The Minister of Humanitarian Affairs, Disaster Management and Social Development, Sadiya Farouk said the federal government spent about N523.3 million on school feeding programme during the Covid-19 lockdown in two states and the FCT—and she’s defending the expenses.
According to her at the Presidential Taskforce briefing on COVID-19 on Monday in Abuja, the EFCC, CCB, ICPC, and some CSOs were witnesses while state governors were partners.
She said that the program was modified and implemented in three states–Lagos, Ogun, and FCT– following a March 29 Presidential directive.
Lagos is the most economically vibrant state in Nigeria, and many believe its poverty rate cannot warrant presenting such burden of school feeding during the Covid-19 shutdown.
Providing details to debunk rumors, Farouk said the provision of ‘Take Home Rations’, under the modified Home Grown School Feeding programme, was not a sole initiative of the ministry.
“The ministry, in obeying the presidential directive, went into consultations with state governments through the state Governor’s Forum, following which it was resolved that ‘take-home rations remained a most viable option for feeding children during the lockdown.
“So, it was a joint resolution of the ministry and the state governments to give out take-home rations.

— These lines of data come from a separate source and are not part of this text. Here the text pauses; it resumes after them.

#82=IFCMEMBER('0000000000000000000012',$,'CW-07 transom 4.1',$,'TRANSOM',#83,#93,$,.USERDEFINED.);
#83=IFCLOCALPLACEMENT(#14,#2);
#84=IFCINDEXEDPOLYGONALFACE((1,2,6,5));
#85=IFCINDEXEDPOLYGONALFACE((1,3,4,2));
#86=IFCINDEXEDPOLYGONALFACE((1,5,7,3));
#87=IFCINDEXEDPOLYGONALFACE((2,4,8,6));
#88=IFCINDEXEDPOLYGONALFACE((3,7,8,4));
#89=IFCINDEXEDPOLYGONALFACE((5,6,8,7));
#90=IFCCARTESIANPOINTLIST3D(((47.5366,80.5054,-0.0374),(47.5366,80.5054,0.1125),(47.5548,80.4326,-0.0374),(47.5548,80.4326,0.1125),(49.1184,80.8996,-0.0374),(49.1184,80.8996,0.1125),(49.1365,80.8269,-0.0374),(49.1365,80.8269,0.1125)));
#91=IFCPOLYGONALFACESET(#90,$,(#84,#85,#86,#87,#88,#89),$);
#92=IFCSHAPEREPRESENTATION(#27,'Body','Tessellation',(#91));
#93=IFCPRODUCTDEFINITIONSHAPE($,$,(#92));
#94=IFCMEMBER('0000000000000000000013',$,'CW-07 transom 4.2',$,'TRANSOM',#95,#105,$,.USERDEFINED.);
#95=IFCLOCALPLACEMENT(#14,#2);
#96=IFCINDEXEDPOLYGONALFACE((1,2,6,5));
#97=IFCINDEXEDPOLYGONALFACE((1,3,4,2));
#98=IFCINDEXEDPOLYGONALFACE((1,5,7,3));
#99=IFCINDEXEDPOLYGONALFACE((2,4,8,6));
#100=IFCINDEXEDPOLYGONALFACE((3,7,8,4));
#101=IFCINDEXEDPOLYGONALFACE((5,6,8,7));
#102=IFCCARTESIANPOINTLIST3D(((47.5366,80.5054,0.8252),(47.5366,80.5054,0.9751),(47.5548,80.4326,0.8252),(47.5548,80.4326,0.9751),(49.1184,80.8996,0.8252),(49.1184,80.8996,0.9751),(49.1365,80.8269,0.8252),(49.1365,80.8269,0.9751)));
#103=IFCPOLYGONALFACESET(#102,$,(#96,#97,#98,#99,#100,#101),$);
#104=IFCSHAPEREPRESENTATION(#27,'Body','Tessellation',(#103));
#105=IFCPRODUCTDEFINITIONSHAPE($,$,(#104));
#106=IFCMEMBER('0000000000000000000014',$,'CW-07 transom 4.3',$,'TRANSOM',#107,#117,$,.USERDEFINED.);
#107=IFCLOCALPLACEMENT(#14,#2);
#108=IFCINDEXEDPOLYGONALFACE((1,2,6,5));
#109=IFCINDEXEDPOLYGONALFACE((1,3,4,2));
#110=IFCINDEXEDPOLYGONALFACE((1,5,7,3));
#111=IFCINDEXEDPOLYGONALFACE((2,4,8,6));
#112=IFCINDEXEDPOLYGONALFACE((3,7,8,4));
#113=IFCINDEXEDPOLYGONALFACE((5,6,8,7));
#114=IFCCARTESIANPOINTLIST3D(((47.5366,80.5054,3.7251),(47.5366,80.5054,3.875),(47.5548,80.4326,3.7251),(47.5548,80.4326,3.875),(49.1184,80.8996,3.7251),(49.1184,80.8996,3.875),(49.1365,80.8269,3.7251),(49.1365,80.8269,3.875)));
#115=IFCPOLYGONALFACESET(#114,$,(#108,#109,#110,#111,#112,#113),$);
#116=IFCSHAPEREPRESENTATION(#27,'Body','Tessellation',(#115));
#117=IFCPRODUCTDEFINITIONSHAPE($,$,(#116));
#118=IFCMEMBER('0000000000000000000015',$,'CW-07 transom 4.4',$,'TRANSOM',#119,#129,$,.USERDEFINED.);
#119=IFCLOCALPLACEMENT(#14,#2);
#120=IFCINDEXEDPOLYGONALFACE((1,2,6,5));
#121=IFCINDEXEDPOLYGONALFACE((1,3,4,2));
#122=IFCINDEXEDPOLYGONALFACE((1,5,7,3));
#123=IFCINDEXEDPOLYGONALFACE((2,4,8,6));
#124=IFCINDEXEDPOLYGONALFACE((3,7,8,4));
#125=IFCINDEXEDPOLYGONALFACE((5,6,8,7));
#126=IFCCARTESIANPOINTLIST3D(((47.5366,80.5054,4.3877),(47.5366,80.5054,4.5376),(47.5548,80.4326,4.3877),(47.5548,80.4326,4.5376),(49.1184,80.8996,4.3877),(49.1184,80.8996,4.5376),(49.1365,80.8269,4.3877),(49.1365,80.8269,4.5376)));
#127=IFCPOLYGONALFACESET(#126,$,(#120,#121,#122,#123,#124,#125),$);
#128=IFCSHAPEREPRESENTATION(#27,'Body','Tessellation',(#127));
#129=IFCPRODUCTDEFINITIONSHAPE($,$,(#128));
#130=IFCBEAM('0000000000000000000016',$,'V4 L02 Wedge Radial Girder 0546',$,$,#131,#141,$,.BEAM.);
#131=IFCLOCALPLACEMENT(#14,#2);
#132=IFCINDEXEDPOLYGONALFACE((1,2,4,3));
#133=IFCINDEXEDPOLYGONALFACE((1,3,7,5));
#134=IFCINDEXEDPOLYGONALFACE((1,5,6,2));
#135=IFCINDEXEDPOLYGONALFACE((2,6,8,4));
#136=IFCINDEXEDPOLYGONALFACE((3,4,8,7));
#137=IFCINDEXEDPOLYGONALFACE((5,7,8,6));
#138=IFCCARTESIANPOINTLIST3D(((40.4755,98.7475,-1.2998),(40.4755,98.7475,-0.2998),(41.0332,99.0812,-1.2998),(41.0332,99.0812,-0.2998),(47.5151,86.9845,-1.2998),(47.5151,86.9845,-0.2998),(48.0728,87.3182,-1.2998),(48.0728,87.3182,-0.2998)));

“The stakeholders also resolved that we would start with the FCT, Lagos and Ogun States, as pilot cases.
“According to statistics from the NBS and CBN, a typical household in Nigeria has 5.6 to six members in its household, with three to four dependents.
“So, each household is assumed to have three children.
“Based on the original design of the Home Grown School Feeding Programme, long before it was domiciled in the ministry, every child on the programme receives a meal a day.
“The meal costs N70 per child. When you take 20 school days per month, it means a child eats food worth N1,400 per month.
“Three children would then eat food worth N4,200 per month, and that was how we arrived at the cost of the ‘take-home ration’.
“The agreement was that the federal government would provide the funding while the states would implement it.
“To ensure transparency in the process, we partnered with the World Food Programme (WFP) as technical partners.
“TrackaNG monitored and gave daily updates validating the programme.
“In the FCT, 29,609 households were impacted, 37,589 homes in Lagos and 60,391 in Ogun, making a total of 124,589 families affected between May 14, and July 6.
“If 124,589 households received take-home rations valued at N4,200, the amount will be N523,273,800.”